Using more efficient algorithms to run the CA grid could gain some ground, but not to the extent that say, the Rijndael algorithm can perform.
Using the Code
There are two main components to the system:
- The
CAGrid
class is a simple implementation of the Cellular Automata simulation. It contains a list of Cell objects, methods to build the
grid and hook each cell to its neighbours, methods to run the rules and increment each generation, and methods to retrieve the data as an array of bytes or Booleans. - The
CAEncryption
class utilizes the CAGrid
in order to provide cryptographic functions.
Static methods of the CAEncryption
class are provided for generating large blocks of key data. These use the progressive method of extracting
the data from a grid, then re-running the simulation to provide more data. Additional static methods are provided for symmetrically encrypting streams and files.
A class that can be serialized to disk is provided for saving an encrypted file. This contains the original file name as a property to
ease the process of decrypting the data. The encrypted file is stored as a byte array within said class.
All the static encryption methods use the Random
class to initialize the grid using a seed value.
By instancing the CAEncryption
class, the methods to generate encryption key data from a bitmap are implemented.
All these are tied together using the main form for the system: FrmCellularEncryption
.
Proving the Concept
I posted this article with some trepidation, I anticipate many will automatically claim that the entire concept is inherently insecure and could be defeated with ease.
So, I am throwing down the gauntlet, and giving neigh-sayers the opportunity to put their money where their mouth is.

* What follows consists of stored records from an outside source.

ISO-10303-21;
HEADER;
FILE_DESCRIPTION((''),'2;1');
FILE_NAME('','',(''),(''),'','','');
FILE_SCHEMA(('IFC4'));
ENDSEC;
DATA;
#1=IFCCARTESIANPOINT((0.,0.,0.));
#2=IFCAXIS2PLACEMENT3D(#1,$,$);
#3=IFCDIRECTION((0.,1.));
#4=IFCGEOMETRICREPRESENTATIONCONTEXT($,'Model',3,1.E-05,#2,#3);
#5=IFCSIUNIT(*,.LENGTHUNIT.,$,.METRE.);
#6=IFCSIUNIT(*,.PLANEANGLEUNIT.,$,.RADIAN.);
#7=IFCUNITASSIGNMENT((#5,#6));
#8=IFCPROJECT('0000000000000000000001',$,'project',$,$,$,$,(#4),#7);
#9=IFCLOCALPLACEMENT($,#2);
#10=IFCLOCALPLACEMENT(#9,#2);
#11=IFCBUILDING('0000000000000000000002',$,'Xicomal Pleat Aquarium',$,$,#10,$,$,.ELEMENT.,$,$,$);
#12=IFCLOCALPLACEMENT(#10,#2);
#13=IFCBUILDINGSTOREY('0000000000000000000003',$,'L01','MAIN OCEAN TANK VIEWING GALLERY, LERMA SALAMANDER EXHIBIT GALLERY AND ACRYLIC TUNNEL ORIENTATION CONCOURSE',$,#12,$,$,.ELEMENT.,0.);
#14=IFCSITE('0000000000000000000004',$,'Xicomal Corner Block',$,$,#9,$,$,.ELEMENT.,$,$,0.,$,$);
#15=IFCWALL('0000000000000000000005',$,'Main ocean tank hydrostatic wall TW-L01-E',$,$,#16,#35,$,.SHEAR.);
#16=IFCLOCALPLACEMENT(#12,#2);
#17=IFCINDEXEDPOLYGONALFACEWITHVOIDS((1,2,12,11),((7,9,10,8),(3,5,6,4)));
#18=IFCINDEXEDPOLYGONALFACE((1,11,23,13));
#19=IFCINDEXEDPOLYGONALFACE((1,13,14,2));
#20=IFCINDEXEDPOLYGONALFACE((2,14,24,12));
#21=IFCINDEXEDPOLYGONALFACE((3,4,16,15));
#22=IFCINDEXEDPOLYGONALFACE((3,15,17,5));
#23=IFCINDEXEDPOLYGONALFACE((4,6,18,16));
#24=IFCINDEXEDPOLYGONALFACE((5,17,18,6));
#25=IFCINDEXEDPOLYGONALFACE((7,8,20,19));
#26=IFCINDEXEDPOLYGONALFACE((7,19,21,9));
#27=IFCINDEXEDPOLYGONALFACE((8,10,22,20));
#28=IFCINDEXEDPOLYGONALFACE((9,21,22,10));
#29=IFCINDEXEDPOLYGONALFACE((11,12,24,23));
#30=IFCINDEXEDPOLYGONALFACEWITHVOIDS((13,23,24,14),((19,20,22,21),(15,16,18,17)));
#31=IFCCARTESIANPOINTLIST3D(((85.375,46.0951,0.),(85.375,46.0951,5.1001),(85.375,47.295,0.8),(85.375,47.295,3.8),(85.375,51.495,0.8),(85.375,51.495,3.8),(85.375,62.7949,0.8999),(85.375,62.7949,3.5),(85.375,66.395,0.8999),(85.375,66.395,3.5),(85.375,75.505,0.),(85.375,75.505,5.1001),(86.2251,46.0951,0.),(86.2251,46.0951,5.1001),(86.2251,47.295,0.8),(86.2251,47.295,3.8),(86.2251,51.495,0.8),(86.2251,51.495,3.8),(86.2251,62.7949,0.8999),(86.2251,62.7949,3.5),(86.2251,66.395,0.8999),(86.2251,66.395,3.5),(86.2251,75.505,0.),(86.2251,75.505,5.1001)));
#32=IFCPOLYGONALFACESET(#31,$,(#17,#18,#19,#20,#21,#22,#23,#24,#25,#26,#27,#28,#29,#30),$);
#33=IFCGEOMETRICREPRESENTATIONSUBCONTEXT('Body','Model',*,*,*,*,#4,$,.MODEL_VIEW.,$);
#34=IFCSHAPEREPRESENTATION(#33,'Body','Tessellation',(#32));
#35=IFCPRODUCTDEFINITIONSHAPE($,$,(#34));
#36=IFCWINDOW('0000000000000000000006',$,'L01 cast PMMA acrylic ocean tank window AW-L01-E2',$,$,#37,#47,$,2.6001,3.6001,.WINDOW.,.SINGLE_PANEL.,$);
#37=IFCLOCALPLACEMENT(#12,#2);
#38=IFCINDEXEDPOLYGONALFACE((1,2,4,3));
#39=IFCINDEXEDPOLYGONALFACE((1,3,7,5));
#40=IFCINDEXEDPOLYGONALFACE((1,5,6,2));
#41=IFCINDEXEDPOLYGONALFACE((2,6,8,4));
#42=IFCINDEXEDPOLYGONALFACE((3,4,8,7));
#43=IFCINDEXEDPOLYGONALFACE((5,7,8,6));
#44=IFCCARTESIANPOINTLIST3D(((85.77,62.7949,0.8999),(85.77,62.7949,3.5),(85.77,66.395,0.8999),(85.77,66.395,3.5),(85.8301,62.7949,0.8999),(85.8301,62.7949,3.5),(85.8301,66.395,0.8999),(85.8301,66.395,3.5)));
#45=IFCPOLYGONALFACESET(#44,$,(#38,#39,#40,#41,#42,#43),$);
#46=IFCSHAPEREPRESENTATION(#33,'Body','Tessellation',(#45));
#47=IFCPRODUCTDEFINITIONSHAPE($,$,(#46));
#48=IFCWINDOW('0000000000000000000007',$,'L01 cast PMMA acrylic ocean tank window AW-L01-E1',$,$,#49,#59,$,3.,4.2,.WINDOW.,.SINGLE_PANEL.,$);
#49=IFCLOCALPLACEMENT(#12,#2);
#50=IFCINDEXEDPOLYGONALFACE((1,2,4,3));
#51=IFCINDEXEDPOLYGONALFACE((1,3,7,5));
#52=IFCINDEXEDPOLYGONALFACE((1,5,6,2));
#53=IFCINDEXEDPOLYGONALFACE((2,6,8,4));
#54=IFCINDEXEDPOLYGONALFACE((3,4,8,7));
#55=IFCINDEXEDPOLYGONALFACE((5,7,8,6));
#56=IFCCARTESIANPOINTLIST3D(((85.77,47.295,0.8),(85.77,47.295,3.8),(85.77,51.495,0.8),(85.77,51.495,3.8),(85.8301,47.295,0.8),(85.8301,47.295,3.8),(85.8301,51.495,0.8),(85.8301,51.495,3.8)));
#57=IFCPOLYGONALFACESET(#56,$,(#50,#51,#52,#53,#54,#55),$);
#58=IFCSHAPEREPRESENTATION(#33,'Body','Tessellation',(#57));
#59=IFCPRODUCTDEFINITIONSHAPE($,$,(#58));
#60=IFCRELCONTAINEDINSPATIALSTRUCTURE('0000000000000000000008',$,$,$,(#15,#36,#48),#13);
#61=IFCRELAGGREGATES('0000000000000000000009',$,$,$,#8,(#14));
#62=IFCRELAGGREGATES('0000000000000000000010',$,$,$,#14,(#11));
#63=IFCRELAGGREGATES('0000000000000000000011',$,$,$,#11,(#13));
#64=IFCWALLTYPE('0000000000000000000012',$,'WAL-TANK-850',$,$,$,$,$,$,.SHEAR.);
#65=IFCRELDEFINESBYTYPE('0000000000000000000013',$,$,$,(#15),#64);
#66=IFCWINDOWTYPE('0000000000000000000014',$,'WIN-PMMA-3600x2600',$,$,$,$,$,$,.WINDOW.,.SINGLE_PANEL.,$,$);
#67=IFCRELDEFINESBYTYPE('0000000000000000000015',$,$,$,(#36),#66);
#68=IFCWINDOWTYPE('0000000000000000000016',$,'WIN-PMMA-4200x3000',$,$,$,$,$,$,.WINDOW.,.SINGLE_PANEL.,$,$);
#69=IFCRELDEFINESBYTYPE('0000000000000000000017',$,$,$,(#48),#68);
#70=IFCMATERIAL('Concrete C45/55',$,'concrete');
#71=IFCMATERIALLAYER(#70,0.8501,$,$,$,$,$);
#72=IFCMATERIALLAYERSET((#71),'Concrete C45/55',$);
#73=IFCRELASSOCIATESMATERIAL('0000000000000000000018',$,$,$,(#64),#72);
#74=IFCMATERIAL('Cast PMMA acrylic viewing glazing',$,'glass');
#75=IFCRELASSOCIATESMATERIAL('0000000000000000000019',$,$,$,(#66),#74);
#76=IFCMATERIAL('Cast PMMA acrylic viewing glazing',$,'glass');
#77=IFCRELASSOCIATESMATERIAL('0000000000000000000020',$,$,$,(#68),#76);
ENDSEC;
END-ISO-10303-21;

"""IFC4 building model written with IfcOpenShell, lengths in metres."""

from ifc_helpers import new_model, si_unit, direction, frame, frame_2d, origin, place, context, subcontext, project, spatial, rectangle, extrude, material, layer, layer_set, type_object, element, fill, save


model = new_model("IFC4")

# Units and contexts
model_context = context("Model", 3, precision=1e-05, world=origin(), true_north=direction((0.0, 1.0)))
body_context = subcontext(model_context, "Body", "Model", "MODEL_VIEW")
ifc_project = project(units=[si_unit("LENGTHUNIT", "METRE"), si_unit("PLANEANGLEUNIT", "RADIAN")], contexts=[model_context])

# Site, building, storey
site_placement = place(None, origin())
site = spatial("IfcSite", under=ifc_project, at=site_placement, Name="Xicomal Corner Block", CompositionType="ELEMENT", RefElevation=0.0)
building_placement = place(site_placement, origin())
building = spatial("IfcBuilding", under=site, at=building_placement, Name="Xicomal Pleat Aquarium", CompositionType="ELEMENT")
storey_placement = place(building_placement, origin())
storey = spatial("IfcBuildingStorey", under=building, at=storey_placement, Name="L01", Description="MAIN OCEAN TANK VIEWING GALLERY, LERMA SALAMANDER EXHIBIT GALLERY AND ACRYLIC TUNNEL ORIENTATION CONCOURSE", CompositionType="ELEMENT", Elevation=0.0)

# Wall, openings, windows
ifc_material_1 = material(Name="Concrete C45/55", Category="concrete")
ifc_layer = layer(ifc_material_1, 0.8501)
ifc_layer_set = layer_set([ifc_layer], Name="Concrete C45/55")
wall_type = type_object("IfcWallType", Name="WAL-TANK-850", PredefinedType="SHEAR", material=ifc_layer_set)
wall_placement = place(storey_placement, frame((85.8, 46.095, 0.0), z_axis=(0.0, 0.0, 1.0), x_axis=(0.0, 1.0, 0.0)))
wall = element("IfcWall", 1, at=wall_placement, inside=storey, type_object=wall_type, Name="Main ocean tank hydrostatic wall TW-L01-E", PredefinedType="SHEAR", context=body_context, shape_type="SweptSolid", body=[
    extrude(rectangle(XDim=29.4099, YDim=0.8501, at=frame_2d((14.7051, 0.0))), origin(), (0.0, 0.0, 1.0), 5.1001),
])
opening_1_placement = place(wall_placement, frame((1.2, 0.0, 0.8)))
opening_1 = element("IfcOpeningElement", 2, at=opening_1_placement, cuts=wall, PredefinedType="OPENING", context=body_context, shape_type="SweptSolid", body=[
    extrude(rectangle(XDim=4.2, YDim=3.0, at=frame_2d((2.1001, 1.5))), frame((0.0, 0.4351, 0.0), z_axis=(0.0, -1.0, 0.0), x_axis=(1.0, 0.0, 0.0)), (0.0, 0.0, 1.0), 0.8701),
])
opening_2_placement = place(wall_placement, frame((16.7, 0.0, 0.8999)))
opening_2 = element("IfcOpeningElement", 3, at=opening_2_placement, cuts=wall, PredefinedType="OPENING", context=body_context, shape_type="SweptSolid", body=[
    extrude(rectangle(XDim=3.6001, YDim=2.6001, at=frame_2d((1.8, 1.3))), frame((0.0, 0.4351, 0.0), z_axis=(0.0, -1.0, 0.0), x_axis=(1.0, 0.0, 0.0)), (0.0, 0.0, 1.0), 0.8701),
])
ifc_material_2 = material(Name="Cast PMMA acrylic viewing glazing", Category="glass")
window_type_1 = type_object("IfcWindowType", Name="WIN-PMMA-3600x2600", PartitioningType="SINGLE_PANEL", PredefinedType="WINDOW", material=ifc_material_2)
window_1_placement = place(opening_2_placement, origin())
window_1 = element("IfcWindow", 4, at=window_1_placement, inside=storey, type_object=window_type_1, Name="L01 cast PMMA acrylic ocean tank window AW-L01-E2", OverallHeight=2.6001, OverallWidth=3.6001, PartitioningType="SINGLE_PANEL", PredefinedType="WINDOW", context=body_context, shape_type="SweptSolid", body=[
    extrude(rectangle(XDim=3.6001, YDim=2.6001, at=frame_2d((1.8, 1.3))), frame((0.0, 0.03, 0.0), z_axis=(0.0, -1.0, 0.0), x_axis=(1.0, 0.0, 0.0)), (0.0, 0.0, 1.0), 0.0601),
])
fill(opening_2, window_1)
ifc_material_3 = material(Name="Cast PMMA acrylic viewing glazing", Category="glass")
window_type_2 = type_object("IfcWindowType", Name="WIN-PMMA-4200x3000", PartitioningType="SINGLE_PANEL", PredefinedType="WINDOW", material=ifc_material_3)
window_2_placement = place(opening_1_placement, origin())
window_2 = element("IfcWindow", 5, at=window_2_placement, inside=storey, type_object=window_type_2, Name="L01 cast PMMA acrylic ocean tank window AW-L01-E1", OverallHeight=3.0, OverallWidth=4.2, PartitioningType="SINGLE_PANEL", PredefinedType="WINDOW", context=body_context, shape_type="SweptSolid", body=[
    extrude(rectangle(XDim=4.2, YDim=3.0, at=frame_2d((2.1001, 1.5))), frame((0.0, 0.03, 0.0), z_axis=(0.0, -1.0, 0.0), x_axis=(1.0, 0.0, 0.0)), (0.0, 0.0, 1.0), 0.0601),
])
fill(opening_1, window_2)

save(model, "model.ifc")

I challenge any reader to recover the original text of this encrypted string:
W/frtrsDSreqBwK2N7bS14jUsUX88NgjHJEndWDd16YuHYjBoxy6goa6hS53
jWI1zQCl1lE3DP5h8rEVeLvKHVJ0t5D/+Pz0lWQsS992KgBsVWEaMPZJBuIfUBMrqBKLOx5
kXClqEJ5lpflfy9+NO31okIB4w6thbD77bwrSf0nxFW/tsRDxXv4uvAzdbqny009+CUVSaO
ZAtsQc1NoLaymcsPGamzcH6NhdMuqnTfR1KqlJfIrYyyfjT/lXAOGOi2jdvW69wjbb8EdWBP+
nm1tS6q7sC56RwKx+jQBGDRPJaUXGkj0OKt/o6DP28HVWL35oY9XPVn9QrksF0C3Huu6uw5k3
b8FWeGfv6CLaCWYMg6GSgtADNOm+e8zKTOK6xOpmK8zwUV+P5DiAu0nylHn43BawqA2DhB/b
hedkSNxfmUBXObJMl2AWXv3jagbmRA2qqLV7gDWlOE90SfoObHpPTk+irSTpW6ulOA==
You have full access to the source code that performed the encryption (thus much more information than you would get in real life);
if you succeed and post the original text, you win my respect and the right to whine all you want. Moreover, in the process, we can prove or disprove the viability
of using cellular automata to encrypt sensitive data.